Fairly competent full-stack engineer that has worked for the last six years as a contractor/freelance engineer.<p>I've given a go at being an employee with mixed experiences: second to last was a startup but lost that due to my father's soap opera like death; and now at a software services company.<p>It's tough to gauge input from the startup due to fallout from my father's estate. Conclusion was while smart, I was also too slow.<p>Current employer, the CEO explained why they were having a hard time finding me hours is that I have a habit of providing unconventional solutions ( Made a NoSQL wysiwyg CMS for Facebook apps, used sqlite instead of an in house XML powered CMS, and insisted on unit-tests for another client).   Instead of being laid off right there, they were going to try a devops role for me and then if it didn't work lay me off with severance.<p>Still smart, but not providing the results they desire.<p>While I feel like I generally made the right decisions, the impression from the PM's is that I didn't.  I could try and lawyer my way through and try and prove that I was aiming for the least riskiest approach but that is a losing game as I am fighting impressions and not facts.<p>Besides jumping ship and finding employment elsewhere ( and very possibly experiencing the same problems ) is there an alternative direction?  Maybe the devops role will work better, but maybe it won't and the same problems will continue.  Has anyone been in this situation with their career and what did you do in response to make yourself a better/more viable employee?
======
pedalpete
Just a bit of input from a former PM turned developer, and consider that we
don't REALLY have much info to go on from what you've said, but your 4th and
6th paragraphs lead me to this concept.

You may be right that you created the correct technical solution, but not
every consideration should be a technical one. From a business perspective
there are MANY other considerations. You created an 'unconventional solution'.
That may be a problem for many businesses, and rightly so. If they were to
bring other devs in, what is the lead time needed for a dev familiar with the
companies systems to be able to update the system you created. There is a cost
involved in that. If the solution you came up with is non-core to the
business, that is possibly more problematic, as they are dedicating extra time
to a non-essential system simply because it was written differently from the
way the company normally does things.

Much of it could be simply a personality issue, and possibly with the PM, not
you. You clearly care about your performance and capabilities, so I'd sit down
and have an honest discussion with the PM or CEO about what you're trying to
accomplish, and make sure that everything you are doing is for them, and make
sure they understand that.

In the end, you're developing FOR THEM. I think a few developers could be
happier if they realized their job isn't to create the most technically
correct/superior code, but to make the business owner happy.
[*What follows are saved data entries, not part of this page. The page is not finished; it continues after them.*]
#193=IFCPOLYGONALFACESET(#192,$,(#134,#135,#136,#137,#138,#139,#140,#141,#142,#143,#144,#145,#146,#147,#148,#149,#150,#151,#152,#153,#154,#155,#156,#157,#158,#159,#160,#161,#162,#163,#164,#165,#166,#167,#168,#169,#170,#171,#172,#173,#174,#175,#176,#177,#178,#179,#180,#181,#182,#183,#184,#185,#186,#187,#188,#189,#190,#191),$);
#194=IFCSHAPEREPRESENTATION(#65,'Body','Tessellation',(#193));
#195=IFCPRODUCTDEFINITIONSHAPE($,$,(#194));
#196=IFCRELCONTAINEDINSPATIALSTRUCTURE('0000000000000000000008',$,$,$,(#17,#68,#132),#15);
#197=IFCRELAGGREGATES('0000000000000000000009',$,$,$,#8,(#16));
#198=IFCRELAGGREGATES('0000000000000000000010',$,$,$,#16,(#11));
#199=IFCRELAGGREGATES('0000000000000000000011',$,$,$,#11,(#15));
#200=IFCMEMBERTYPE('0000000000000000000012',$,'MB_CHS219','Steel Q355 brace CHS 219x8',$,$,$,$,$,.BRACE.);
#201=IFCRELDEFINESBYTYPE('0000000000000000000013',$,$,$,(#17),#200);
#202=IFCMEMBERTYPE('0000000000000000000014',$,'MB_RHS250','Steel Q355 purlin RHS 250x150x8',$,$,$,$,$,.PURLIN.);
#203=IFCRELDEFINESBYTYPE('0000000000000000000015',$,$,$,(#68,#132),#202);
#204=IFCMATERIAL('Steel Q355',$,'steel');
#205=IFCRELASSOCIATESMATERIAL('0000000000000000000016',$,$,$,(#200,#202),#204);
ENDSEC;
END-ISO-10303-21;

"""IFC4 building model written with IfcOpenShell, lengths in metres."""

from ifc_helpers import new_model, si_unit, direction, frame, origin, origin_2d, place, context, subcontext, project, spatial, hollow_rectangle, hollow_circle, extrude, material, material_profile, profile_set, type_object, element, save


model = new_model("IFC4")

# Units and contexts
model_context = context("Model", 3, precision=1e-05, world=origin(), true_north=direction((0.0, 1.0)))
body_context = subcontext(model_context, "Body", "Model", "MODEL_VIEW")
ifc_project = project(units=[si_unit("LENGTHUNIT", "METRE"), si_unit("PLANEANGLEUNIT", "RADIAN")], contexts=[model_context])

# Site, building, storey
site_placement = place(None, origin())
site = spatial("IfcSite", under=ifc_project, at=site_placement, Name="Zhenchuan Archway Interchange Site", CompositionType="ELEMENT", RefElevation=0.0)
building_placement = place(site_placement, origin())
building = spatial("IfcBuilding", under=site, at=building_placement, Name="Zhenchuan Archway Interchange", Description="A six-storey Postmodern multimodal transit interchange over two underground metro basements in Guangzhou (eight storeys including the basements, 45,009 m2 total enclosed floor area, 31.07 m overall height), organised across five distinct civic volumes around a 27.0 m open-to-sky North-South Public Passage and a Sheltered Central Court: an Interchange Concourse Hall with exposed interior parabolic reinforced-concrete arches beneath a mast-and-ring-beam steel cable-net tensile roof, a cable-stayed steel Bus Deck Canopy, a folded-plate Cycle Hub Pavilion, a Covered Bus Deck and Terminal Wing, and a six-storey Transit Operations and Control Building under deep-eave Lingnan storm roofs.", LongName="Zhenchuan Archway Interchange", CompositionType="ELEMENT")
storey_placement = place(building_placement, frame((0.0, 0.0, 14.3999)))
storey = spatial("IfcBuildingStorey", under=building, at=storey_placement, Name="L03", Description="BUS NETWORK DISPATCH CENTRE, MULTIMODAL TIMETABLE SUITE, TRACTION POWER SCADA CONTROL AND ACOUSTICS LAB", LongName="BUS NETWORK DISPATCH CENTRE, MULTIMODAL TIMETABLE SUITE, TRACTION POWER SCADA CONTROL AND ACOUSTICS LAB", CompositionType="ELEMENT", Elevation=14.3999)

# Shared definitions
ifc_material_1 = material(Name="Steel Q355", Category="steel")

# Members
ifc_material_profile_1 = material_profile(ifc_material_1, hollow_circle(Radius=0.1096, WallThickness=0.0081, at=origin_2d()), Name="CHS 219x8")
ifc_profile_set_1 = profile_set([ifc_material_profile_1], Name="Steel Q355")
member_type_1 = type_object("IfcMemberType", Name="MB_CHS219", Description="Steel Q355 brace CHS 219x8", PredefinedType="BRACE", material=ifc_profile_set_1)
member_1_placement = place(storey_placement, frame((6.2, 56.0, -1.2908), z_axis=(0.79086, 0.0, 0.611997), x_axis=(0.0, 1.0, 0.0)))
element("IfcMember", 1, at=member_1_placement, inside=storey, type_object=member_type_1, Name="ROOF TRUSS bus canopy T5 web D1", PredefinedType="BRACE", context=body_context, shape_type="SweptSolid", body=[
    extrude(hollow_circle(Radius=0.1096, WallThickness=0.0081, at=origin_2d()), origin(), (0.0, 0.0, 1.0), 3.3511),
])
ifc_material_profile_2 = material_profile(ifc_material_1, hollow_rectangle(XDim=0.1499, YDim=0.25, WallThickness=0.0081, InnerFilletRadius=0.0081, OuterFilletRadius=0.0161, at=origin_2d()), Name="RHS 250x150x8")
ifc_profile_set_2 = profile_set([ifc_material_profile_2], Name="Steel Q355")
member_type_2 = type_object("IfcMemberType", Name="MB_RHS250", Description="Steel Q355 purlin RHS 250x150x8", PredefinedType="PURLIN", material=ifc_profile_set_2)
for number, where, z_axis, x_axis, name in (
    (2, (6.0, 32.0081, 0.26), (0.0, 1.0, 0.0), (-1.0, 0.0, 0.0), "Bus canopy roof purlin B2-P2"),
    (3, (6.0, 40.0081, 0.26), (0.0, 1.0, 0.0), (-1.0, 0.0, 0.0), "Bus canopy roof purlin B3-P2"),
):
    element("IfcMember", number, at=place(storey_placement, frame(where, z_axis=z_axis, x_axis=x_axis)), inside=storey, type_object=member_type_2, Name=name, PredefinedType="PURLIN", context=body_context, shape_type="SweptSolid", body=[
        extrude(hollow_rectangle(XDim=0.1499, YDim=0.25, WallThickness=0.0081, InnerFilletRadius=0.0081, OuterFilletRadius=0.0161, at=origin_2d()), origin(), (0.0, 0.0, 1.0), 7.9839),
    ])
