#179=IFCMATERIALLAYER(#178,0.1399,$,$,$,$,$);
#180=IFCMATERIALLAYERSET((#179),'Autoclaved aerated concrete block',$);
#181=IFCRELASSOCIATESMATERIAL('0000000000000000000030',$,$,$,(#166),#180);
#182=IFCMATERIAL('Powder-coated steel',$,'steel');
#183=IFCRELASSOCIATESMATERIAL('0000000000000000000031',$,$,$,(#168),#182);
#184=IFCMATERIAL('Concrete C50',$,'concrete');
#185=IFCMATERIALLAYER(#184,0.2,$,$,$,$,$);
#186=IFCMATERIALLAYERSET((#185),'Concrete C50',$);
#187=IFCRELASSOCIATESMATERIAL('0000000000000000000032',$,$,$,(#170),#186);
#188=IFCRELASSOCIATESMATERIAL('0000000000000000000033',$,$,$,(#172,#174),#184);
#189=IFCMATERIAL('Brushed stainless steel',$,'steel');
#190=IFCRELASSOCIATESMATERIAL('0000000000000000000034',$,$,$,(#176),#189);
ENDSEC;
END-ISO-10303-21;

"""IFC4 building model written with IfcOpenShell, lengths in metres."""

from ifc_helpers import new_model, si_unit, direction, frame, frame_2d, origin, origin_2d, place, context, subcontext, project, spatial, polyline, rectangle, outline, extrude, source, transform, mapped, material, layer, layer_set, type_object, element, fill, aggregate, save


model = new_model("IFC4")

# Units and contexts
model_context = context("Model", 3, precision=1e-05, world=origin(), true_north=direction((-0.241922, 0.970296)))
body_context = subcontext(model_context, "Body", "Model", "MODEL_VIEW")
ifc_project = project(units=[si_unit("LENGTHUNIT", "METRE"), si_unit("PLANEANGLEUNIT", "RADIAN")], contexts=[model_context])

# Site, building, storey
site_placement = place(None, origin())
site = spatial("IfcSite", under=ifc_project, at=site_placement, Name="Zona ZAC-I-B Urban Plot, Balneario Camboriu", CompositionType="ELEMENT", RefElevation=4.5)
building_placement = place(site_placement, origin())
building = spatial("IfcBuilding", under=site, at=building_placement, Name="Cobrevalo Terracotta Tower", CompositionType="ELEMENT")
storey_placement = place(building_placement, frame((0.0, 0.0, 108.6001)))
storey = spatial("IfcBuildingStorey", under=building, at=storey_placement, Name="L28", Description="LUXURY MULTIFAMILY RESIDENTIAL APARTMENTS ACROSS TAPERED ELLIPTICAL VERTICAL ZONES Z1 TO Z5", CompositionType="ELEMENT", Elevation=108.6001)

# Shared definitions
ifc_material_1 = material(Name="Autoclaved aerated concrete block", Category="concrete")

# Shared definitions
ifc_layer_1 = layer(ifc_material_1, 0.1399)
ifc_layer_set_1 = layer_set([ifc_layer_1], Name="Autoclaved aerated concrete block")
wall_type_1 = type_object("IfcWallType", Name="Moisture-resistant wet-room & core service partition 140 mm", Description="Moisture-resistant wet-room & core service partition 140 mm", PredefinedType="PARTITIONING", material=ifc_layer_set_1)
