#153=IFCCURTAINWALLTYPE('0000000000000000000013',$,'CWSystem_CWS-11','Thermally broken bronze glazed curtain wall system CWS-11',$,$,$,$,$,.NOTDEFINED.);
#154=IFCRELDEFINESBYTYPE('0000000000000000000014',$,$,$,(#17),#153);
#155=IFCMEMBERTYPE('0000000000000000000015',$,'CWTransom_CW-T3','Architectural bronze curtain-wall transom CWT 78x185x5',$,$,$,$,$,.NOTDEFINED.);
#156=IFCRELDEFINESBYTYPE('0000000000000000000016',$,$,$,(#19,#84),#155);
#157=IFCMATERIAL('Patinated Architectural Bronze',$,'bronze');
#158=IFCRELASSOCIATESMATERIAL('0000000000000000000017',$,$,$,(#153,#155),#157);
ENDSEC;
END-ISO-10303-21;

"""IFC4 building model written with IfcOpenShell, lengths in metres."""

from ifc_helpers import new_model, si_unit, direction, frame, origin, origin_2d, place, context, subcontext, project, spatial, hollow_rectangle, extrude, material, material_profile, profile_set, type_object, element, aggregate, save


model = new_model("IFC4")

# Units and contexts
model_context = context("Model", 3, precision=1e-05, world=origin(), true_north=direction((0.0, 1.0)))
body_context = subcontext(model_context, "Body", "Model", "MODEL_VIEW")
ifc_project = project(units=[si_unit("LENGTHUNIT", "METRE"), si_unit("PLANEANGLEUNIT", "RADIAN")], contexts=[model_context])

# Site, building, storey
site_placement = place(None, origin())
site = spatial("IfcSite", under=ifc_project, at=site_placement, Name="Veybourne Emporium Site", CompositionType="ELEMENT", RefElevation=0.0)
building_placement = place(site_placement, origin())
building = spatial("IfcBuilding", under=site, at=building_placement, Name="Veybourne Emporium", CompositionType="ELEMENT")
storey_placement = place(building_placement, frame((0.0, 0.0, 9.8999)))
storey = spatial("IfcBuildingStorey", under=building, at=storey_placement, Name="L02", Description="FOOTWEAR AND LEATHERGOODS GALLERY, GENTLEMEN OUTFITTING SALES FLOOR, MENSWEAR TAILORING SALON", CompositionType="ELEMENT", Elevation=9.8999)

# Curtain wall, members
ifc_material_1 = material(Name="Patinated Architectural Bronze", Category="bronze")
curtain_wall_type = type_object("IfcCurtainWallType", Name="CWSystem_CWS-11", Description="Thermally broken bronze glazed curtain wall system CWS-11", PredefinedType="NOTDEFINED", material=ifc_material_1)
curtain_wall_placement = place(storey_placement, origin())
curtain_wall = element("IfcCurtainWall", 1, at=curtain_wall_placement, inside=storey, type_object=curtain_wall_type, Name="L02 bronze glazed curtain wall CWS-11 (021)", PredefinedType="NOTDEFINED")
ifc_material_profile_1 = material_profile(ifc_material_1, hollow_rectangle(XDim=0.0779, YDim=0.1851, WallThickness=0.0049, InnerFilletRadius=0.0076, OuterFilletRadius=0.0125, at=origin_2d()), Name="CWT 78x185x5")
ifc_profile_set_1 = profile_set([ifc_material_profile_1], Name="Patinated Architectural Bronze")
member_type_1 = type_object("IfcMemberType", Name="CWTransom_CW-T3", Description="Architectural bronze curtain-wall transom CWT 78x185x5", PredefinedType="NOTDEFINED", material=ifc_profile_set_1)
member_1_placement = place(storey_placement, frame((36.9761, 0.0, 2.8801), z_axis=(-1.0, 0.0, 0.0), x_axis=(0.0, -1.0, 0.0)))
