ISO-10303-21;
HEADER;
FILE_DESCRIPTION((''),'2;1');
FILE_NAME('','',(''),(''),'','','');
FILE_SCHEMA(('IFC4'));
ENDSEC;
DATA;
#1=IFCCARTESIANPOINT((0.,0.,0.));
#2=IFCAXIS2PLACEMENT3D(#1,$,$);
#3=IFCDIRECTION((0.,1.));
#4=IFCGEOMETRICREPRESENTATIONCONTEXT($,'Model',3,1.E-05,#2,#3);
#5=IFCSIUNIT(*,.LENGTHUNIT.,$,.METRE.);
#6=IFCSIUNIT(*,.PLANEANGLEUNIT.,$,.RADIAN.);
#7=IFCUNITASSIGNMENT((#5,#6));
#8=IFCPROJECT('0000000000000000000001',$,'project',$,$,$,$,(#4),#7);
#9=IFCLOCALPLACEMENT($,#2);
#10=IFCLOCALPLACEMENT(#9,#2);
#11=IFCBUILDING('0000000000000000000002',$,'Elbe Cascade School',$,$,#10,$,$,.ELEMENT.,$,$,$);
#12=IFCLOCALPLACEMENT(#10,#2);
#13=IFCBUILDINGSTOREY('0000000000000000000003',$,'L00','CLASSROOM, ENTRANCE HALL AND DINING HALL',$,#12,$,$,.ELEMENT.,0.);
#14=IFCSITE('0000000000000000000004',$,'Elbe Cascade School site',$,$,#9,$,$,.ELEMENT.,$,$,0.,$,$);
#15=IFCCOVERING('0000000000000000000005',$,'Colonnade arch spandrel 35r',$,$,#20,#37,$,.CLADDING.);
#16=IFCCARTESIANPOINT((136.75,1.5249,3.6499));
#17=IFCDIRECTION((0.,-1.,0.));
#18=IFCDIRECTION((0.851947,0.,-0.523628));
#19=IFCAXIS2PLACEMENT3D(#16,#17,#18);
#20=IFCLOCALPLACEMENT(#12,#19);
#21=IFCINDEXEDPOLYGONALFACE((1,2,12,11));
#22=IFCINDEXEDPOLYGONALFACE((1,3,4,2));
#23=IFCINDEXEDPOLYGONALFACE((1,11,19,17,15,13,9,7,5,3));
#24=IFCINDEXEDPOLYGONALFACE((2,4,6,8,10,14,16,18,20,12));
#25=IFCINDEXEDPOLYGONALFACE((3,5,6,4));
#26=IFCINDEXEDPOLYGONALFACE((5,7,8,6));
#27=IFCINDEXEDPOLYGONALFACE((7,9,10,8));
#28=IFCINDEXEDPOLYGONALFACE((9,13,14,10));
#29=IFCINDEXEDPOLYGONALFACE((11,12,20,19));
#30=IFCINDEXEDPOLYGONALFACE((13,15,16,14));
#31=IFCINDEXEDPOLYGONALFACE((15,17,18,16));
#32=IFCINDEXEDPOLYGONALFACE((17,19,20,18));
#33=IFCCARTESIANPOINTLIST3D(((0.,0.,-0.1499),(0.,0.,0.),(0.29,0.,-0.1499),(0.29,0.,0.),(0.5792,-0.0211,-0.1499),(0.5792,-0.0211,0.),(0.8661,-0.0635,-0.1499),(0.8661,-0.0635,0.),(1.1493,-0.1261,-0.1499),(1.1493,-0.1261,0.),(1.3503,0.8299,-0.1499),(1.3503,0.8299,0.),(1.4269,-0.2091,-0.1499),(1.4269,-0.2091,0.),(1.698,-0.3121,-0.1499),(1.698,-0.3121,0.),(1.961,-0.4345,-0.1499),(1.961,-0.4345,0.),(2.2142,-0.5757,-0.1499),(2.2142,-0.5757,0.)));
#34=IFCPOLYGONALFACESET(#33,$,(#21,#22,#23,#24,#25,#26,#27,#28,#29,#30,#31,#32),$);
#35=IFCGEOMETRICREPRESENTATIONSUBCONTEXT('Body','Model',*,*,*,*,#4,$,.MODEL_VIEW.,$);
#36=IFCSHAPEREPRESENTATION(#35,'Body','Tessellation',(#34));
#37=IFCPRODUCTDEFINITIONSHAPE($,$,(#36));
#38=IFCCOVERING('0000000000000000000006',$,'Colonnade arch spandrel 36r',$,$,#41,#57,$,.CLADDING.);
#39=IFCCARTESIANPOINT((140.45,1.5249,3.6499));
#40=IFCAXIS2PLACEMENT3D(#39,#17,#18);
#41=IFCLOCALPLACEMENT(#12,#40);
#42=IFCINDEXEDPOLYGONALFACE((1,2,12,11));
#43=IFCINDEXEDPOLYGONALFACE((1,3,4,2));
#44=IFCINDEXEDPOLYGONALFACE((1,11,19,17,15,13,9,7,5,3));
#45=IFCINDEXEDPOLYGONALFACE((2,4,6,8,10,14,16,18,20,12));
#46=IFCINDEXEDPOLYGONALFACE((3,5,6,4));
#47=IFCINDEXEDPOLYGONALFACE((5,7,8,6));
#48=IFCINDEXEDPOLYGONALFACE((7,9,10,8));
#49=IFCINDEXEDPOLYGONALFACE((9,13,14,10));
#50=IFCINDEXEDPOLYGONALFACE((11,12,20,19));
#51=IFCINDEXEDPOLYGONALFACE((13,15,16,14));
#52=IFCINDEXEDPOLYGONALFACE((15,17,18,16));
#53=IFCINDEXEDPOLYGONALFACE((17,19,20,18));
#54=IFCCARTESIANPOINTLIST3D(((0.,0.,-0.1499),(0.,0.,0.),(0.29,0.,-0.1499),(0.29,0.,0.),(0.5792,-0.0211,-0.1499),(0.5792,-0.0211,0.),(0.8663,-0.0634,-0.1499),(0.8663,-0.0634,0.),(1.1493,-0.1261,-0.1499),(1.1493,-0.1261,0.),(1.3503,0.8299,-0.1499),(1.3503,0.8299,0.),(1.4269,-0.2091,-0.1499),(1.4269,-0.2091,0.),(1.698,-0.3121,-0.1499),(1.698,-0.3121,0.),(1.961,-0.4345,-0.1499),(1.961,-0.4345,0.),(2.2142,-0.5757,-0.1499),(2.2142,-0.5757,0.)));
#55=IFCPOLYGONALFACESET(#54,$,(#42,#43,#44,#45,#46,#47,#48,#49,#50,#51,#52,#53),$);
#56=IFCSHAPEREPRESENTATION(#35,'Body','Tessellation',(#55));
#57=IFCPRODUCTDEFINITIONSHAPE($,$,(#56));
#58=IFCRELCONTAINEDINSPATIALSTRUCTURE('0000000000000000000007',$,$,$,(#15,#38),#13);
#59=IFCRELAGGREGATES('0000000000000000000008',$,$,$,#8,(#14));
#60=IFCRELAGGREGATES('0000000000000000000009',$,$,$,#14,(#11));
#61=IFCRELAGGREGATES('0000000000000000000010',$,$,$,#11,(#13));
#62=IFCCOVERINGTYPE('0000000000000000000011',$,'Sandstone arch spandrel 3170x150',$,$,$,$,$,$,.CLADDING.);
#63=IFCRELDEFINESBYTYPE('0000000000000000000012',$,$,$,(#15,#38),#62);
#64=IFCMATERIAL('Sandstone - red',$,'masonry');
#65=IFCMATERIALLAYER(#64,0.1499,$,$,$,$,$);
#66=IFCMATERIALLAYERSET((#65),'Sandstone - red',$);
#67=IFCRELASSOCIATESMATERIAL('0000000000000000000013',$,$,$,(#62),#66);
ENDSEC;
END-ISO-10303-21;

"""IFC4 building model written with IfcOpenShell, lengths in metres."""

from ifc_helpers import new_model, si_unit, direction, frame, origin, place, context, subcontext, project, spatial, polyline, outline, extrude, material, layer, layer_set, type_object, element, save


model = new_model("IFC4")

# Units and contexts
model_context = context("Model", 3, precision=1e-05, world=origin(), true_north=direction((0.0, 1.0)))
body_context = subcontext(model_context, "Body", "Model", "MODEL_VIEW")
ifc_project = project(units=[si_unit("LENGTHUNIT", "METRE"), si_unit("PLANEANGLEUNIT", "RADIAN")], contexts=[model_context])

# Site, building, storey
site_placement = place(None, origin())
site = spatial("IfcSite", under=ifc_project, at=site_placement, Name="Elbe Cascade School site", CompositionType="ELEMENT", RefElevation=0.0)
building_placement = place(site_placement, origin())
building = spatial("IfcBuilding", under=site, at=building_placement, Name="Elbe Cascade School", CompositionType="ELEMENT")
storey_placement = place(building_placement, origin())
storey = spatial("IfcBuildingStorey", under=building, at=storey_placement, Name="L00", Description="CLASSROOM, ENTRANCE HALL AND DINING HALL", CompositionType="ELEMENT", Elevation=0.0)

# Coverings
ifc_material_1 = material(Name="Sandstone - red", Category="masonry")
ifc_layer_1 = layer(ifc_material_1, 0.1499)
ifc_layer_set_1 = layer_set([ifc_layer_1], Name="Sandstone - red")
covering_type_1 = type_object("IfcCoveringType", Name="Sandstone arch spandrel 3170x150", PredefinedType="CLADDING", material=ifc_layer_set_1)
covering_1_placement = place(storey_placement, frame((136.75, 1.5249, 3.6499), z_axis=(0.0, -1.0, 0.0), x_axis=(0.851947, 0.0, -0.523628)))
element("IfcCovering", 1, at=covering_1_placement, inside=storey, type_object=covering_type_1, Name="Colonnade arch spandrel 35r", PredefinedType="CLADDING", context=body_context, shape_type="SweptSolid", body=[
    extrude(outline(polyline([(0.0, 0.0), (0.29, 0.0), (0.5792, -0.0211), (0.8661, -0.0635), (1.1493, -0.1261), (1.4269, -0.2091), (1.698, -0.3121), (1.961, -0.4345), (2.2142, -0.5757), (1.3503, 0.8299), (0.0, 0.0)])), origin(), (0.0, 0.0, -1.0), 0.1499),
])
covering_2_placement = place(storey_placement, frame((140.45, 1.5249, 3.6499), z_axis=(0.0, -1.0, 0.0), x_axis=(0.851947, 0.0, -0.523628)))
element("IfcCovering", 2, at=covering_2_placement, inside=storey, type_object=covering_type_1, Name="Colonnade arch spandrel 36r", PredefinedType="CLADDING", context=body_context, shape_type="SweptSolid", body=[
    extrude(outline(polyline([(0.0, 0.0), (0.29, 0.0), (0.5792, -0.0211), (0.8663, -0.0634), (1.1493, -0.1261), (1.4269, -0.2091), (1.698, -0.3121), (1.961, -0.4345), (2.2142, -0.5757), (1.3503, 0.8299), (0.0, 0.0)])), origin(), (0.0, 0.0, -1.0), 0.1499),
])

save(model, "model.ifc")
The way I think you make them happy is to give them what they want. If they
ask for A and you give them G, that isn't what they wanted. But MY SOLUTION IS
BETTER you say. Great, but you still need to satisfy the employer, and the
best way to do that, and make them want to keep you around, is to make them
want G. I think if you go in with this perspective, and sell them not only on
the code you create, but also on your understanding of their business, and
ability to make good platform decisions for the business, they'll look at you
quite differently.

Hope that helps.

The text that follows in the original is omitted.